Former New York Fed’s Dudley Calls U.S. Economy ‘Like Wile E. Coyote Heading Off a Cliff’
July 3, 2022 (EIRNS)—The former President of the New York Federal Reserve Bank Bill Dudley, the same genius who want to “solve” the current financial breakdown crisis by pulling a “Paul Volcker,” drastically jacking up interest rates to supposedly stop inflation, justified his idiotic position by warning of the unavoidable terminal crash of the entire system if hyper-inflation is not stopped.
In an accurate metaphor for the pending total crash, Dudley wrote in his June 22 Bloomberg column: “Much like Wile E. Coyote heading off a cliff, the U.S. economy has plenty of momentum but rapidly disappearing support.”
The image is much like that presented by Helga Zepp-LaRouche in her June 18 Schiller Institute conference keynote—an accelerating train heading for a cliff with a madman as the engineer, unwilling to stop the train. The difference is that, as Zepp-LaRouche notes, the Dudley “solution” of cutting off credit is just as insane. The system is finished, it can not be salvaged—only the LaRouche solution of a new system, a New Bretton Woods based on LaRouche’s Four Laws, can prevent the poor coyote from the terminal fall, taking the human race with it.
The U.S. economy is heading for a hard landing, and a recession is coming within 12 to 18 months, wrote Dudley. Dudley reported that the Fed’s latest set of projections laid out a benign scenario amid rising interest rates, but he sees several reasons to expect a “much harder handing.”
The central bank’s employment mandate is now subservient to its inflation mandate, and the new focus on price stability will be “relentless.”

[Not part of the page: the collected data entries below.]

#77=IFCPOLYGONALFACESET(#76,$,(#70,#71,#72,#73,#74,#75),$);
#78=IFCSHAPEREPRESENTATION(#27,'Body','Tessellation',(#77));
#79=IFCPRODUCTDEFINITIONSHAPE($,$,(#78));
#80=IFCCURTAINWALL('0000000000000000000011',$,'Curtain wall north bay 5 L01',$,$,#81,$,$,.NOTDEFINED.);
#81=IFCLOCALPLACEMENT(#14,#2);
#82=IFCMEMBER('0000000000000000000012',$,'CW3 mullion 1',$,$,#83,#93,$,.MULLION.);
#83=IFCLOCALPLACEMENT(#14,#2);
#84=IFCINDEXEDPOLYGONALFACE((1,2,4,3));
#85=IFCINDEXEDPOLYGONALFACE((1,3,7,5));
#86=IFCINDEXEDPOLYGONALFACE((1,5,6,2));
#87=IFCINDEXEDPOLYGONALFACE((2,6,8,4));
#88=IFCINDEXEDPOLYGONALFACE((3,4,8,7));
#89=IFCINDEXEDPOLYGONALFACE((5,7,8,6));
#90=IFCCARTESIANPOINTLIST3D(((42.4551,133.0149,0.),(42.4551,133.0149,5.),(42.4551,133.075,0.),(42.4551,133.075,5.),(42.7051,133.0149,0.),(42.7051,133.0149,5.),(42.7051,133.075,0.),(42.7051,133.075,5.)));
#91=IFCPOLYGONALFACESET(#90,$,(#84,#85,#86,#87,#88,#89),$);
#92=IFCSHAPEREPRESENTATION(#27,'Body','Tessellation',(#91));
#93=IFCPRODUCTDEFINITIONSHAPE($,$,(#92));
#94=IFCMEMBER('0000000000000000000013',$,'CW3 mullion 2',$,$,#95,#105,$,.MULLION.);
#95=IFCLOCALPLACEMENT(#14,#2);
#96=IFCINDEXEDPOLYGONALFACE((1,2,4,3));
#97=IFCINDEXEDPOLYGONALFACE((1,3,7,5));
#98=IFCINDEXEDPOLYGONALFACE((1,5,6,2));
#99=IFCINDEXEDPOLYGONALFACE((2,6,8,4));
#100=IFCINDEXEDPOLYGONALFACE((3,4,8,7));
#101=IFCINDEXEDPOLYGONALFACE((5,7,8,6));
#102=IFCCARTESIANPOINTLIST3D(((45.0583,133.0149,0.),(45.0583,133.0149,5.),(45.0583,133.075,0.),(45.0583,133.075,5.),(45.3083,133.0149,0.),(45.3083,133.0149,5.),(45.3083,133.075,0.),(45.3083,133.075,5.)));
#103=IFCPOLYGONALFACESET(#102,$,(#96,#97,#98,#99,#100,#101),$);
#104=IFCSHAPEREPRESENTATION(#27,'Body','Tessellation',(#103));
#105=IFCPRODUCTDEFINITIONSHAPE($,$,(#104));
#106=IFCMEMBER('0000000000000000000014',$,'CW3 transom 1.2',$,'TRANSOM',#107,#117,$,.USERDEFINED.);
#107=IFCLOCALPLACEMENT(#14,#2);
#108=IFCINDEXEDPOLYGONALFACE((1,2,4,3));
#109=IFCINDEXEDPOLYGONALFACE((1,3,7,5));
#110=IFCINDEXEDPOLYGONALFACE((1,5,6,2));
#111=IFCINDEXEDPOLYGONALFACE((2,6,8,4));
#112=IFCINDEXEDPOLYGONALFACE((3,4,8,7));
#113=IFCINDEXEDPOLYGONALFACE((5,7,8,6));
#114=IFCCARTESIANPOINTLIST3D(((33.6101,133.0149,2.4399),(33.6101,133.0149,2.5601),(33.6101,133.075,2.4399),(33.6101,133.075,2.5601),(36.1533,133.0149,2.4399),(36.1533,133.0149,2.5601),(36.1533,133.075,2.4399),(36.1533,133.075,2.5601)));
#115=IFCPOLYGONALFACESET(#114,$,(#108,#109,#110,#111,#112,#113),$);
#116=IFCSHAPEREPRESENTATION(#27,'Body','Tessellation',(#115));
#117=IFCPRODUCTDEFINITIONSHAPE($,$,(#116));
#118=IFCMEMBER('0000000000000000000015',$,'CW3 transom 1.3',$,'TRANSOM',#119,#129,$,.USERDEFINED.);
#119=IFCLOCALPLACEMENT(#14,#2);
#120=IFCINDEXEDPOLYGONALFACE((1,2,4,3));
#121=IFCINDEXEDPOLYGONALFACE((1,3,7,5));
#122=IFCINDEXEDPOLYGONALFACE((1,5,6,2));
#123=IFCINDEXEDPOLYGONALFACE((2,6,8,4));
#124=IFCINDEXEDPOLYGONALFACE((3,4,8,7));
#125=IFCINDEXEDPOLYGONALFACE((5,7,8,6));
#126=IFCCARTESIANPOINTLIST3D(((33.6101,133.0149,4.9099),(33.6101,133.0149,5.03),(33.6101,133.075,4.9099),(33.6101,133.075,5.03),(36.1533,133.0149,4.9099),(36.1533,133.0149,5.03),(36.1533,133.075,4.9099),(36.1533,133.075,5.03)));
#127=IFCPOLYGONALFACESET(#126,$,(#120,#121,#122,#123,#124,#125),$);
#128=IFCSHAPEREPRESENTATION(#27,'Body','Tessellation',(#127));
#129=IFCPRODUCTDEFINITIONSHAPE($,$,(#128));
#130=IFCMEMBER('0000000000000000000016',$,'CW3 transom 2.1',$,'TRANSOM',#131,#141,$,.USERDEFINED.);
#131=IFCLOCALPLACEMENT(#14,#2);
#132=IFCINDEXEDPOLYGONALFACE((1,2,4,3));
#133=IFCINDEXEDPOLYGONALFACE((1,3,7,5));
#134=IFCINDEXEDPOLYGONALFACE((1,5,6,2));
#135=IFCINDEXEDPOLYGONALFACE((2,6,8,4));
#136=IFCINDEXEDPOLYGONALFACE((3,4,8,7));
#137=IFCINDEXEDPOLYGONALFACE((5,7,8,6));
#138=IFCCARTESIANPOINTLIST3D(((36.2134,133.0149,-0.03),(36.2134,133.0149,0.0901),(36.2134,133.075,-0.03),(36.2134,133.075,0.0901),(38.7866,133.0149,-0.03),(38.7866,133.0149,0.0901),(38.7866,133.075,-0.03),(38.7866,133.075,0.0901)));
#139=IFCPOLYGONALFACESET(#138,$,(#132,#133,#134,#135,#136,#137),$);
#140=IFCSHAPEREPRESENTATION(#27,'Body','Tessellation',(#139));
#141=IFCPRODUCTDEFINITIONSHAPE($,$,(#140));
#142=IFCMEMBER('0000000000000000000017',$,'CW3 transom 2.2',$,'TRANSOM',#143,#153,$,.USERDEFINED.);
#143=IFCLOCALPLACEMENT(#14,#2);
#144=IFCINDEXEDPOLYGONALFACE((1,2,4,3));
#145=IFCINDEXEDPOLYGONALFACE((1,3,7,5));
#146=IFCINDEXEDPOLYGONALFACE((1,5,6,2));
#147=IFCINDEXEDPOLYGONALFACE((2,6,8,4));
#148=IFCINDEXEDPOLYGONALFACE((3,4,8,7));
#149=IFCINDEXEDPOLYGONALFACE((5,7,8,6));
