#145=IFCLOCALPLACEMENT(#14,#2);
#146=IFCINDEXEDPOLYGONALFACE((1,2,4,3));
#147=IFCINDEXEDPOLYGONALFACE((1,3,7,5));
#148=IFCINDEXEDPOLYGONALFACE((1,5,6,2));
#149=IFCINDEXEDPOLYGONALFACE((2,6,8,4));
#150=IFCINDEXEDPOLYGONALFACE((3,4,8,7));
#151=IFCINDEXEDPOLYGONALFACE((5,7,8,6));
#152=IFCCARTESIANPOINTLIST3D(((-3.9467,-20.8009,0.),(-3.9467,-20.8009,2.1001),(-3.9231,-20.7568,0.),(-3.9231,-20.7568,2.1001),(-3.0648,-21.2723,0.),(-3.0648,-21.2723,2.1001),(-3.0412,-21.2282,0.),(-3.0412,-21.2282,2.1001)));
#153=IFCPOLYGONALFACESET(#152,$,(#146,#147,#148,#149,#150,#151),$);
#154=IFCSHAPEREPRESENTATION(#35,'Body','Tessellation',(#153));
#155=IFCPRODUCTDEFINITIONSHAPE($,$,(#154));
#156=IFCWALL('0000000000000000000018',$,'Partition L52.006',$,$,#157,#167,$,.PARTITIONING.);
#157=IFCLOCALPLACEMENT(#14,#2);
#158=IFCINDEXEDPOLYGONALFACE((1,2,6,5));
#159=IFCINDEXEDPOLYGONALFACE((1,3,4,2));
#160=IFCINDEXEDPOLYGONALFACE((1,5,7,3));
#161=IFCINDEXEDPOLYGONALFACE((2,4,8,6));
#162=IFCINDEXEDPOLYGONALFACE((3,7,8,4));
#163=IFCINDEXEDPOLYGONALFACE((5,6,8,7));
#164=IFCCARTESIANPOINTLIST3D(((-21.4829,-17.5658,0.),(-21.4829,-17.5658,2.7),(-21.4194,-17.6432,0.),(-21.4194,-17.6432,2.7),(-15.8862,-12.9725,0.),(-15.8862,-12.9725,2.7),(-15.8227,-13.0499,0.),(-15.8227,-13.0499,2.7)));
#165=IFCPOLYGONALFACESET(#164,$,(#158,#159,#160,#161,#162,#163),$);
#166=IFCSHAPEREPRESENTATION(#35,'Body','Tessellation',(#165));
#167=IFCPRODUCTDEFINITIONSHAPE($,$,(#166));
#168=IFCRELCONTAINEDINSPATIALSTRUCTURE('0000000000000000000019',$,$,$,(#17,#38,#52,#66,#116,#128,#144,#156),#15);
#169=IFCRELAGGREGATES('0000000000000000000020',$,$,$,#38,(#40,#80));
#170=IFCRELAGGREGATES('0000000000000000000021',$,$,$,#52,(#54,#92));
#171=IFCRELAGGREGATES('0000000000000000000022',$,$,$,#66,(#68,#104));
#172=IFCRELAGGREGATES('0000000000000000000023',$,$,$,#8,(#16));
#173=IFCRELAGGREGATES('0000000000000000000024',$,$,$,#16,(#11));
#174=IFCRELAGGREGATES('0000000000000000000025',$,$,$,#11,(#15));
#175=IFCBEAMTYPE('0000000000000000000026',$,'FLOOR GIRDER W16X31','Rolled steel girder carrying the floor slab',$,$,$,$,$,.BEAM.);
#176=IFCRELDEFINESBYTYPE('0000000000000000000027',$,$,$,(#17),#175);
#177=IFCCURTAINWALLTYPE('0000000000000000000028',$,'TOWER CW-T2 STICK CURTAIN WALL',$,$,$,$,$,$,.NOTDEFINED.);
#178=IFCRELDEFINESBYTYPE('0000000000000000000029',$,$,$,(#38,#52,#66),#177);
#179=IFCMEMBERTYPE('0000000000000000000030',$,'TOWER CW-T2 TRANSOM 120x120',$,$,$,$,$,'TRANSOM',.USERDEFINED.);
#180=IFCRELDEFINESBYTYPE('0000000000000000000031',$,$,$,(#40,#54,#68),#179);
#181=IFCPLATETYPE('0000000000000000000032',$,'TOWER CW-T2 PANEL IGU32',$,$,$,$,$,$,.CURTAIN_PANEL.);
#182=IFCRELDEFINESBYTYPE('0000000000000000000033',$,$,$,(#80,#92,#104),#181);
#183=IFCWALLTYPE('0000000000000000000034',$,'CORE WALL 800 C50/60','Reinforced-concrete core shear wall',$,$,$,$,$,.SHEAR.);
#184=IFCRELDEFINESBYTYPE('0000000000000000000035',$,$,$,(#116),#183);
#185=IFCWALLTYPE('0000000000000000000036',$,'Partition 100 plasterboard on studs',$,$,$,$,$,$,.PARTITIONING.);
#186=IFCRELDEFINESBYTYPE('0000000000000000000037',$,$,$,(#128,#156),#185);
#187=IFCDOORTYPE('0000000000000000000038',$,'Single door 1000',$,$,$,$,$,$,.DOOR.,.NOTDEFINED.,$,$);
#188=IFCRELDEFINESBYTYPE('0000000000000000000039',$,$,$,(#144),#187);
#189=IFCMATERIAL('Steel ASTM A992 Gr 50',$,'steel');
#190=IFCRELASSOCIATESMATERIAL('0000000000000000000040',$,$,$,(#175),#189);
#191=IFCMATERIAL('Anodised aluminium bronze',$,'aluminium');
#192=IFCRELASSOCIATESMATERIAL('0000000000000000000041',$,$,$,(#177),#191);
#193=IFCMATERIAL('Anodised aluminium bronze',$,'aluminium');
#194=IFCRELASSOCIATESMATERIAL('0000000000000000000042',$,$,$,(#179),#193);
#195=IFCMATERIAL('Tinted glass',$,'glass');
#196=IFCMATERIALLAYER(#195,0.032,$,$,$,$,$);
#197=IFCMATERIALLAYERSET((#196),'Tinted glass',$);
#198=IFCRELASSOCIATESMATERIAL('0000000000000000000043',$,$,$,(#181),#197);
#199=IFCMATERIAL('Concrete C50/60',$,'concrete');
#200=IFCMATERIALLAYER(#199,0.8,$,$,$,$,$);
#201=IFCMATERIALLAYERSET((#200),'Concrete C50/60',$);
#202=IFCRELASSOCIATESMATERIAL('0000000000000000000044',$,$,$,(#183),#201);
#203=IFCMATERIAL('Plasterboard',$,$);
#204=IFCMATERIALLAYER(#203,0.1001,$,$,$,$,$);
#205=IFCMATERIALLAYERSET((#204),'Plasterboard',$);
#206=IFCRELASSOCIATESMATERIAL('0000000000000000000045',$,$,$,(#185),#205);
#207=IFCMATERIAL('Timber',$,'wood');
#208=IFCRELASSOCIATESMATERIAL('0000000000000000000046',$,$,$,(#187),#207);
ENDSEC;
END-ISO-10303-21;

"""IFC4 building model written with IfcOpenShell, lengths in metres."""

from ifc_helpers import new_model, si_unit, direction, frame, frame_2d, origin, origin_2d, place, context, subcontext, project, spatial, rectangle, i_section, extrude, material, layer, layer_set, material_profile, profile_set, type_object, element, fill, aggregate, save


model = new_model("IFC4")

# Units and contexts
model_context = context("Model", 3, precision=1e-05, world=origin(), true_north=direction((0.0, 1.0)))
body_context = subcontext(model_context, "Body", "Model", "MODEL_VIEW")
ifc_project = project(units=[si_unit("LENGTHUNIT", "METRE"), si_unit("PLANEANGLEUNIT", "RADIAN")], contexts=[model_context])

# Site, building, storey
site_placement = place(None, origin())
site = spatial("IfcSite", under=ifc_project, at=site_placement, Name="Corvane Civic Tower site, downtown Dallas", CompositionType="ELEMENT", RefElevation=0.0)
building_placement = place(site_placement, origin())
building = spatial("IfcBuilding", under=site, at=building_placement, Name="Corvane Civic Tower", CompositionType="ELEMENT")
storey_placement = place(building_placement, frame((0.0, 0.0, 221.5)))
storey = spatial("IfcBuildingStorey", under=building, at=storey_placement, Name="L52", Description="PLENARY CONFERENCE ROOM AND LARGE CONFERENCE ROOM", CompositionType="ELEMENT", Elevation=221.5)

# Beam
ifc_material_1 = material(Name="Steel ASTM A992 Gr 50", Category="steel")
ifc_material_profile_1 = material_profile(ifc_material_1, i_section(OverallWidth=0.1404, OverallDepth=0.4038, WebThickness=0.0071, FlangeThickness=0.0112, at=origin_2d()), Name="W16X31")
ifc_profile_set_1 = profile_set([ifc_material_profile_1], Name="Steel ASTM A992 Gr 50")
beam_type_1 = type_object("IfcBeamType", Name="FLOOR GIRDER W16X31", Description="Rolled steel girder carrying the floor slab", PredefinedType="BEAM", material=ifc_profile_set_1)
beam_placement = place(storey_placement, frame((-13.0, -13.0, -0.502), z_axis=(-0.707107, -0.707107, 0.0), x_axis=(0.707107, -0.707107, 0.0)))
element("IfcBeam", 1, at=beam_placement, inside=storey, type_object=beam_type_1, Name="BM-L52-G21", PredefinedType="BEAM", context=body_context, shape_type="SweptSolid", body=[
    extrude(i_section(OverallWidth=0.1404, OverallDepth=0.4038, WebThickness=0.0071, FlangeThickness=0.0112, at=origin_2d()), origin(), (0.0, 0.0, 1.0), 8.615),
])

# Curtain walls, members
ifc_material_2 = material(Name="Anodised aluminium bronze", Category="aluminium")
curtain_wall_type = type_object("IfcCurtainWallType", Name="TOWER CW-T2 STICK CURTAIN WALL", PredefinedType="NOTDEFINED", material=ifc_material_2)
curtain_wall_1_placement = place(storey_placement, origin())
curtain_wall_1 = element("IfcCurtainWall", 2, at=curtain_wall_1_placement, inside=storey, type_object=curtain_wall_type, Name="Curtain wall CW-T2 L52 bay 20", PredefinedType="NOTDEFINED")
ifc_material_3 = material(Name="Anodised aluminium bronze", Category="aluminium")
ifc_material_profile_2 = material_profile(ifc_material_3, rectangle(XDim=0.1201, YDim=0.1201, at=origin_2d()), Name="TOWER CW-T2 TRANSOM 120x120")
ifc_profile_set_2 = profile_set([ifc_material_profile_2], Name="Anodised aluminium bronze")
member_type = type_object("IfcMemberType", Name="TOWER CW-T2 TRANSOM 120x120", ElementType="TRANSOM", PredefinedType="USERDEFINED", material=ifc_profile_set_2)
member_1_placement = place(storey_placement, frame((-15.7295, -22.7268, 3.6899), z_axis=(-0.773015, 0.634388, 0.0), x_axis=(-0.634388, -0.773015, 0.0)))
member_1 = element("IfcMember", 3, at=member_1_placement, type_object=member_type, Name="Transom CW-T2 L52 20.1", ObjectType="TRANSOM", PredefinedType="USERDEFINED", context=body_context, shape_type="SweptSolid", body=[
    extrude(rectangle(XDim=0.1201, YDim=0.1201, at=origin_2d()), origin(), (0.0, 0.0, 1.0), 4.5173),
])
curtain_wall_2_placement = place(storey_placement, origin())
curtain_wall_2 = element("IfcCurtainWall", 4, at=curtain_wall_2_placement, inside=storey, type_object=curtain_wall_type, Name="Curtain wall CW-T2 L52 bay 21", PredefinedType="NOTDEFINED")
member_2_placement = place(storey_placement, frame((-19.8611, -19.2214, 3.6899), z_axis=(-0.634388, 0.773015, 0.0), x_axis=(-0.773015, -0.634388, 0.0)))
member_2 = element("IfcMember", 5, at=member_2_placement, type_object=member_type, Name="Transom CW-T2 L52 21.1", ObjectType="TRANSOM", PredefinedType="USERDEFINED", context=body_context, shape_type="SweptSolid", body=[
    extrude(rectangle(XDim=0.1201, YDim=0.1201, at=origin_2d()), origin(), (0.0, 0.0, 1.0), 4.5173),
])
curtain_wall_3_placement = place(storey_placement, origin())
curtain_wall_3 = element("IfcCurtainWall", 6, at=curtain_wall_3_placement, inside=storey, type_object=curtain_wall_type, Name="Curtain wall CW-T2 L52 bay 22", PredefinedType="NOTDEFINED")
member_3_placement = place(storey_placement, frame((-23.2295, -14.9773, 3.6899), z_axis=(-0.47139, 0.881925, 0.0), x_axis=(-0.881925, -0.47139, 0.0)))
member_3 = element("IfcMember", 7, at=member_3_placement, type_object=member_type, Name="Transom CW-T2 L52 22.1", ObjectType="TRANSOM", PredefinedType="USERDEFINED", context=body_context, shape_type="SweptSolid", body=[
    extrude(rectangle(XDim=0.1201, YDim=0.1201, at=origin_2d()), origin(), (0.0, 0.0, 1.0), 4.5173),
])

“Fed officials recognize that failing to bring inflation back down would be disastrous: Inflation expectations would likely become unanchored, necessitating an even bigger recession later. From a risk management perspective, better to act now, whatever the cost in terms of jobs and growth. Powell does not want to repeat the mistakes of the late 1960s and the 1970s.”
It will take time for considerable monetary policy tightening to have an effect, but the economist thinks the expansion is uniquely vulnerable to a sudden stop. As inflation outstrips wage growth, the personal savings rate has plummeted, from 26.6% in March 2021 to 4.4% this April, significantly below its long-run average.
“No wonder consumer sentiment has fallen to levels last reached in the aftermath of the 2008 financial crisis, and Google searches for the word ‘recession’ are hitting new records,” he remarked.
Dudley concluded, “The Fed has never tightened enough to push up the unemployment rate by 0.5 percentage point or more without triggering a recession. ... Much like Wile E. Coyote heading off a cliff, the U.S. economy has plenty of momentum but rapidly disappearing support. Falling back to Earth will not be a pleasant experience.”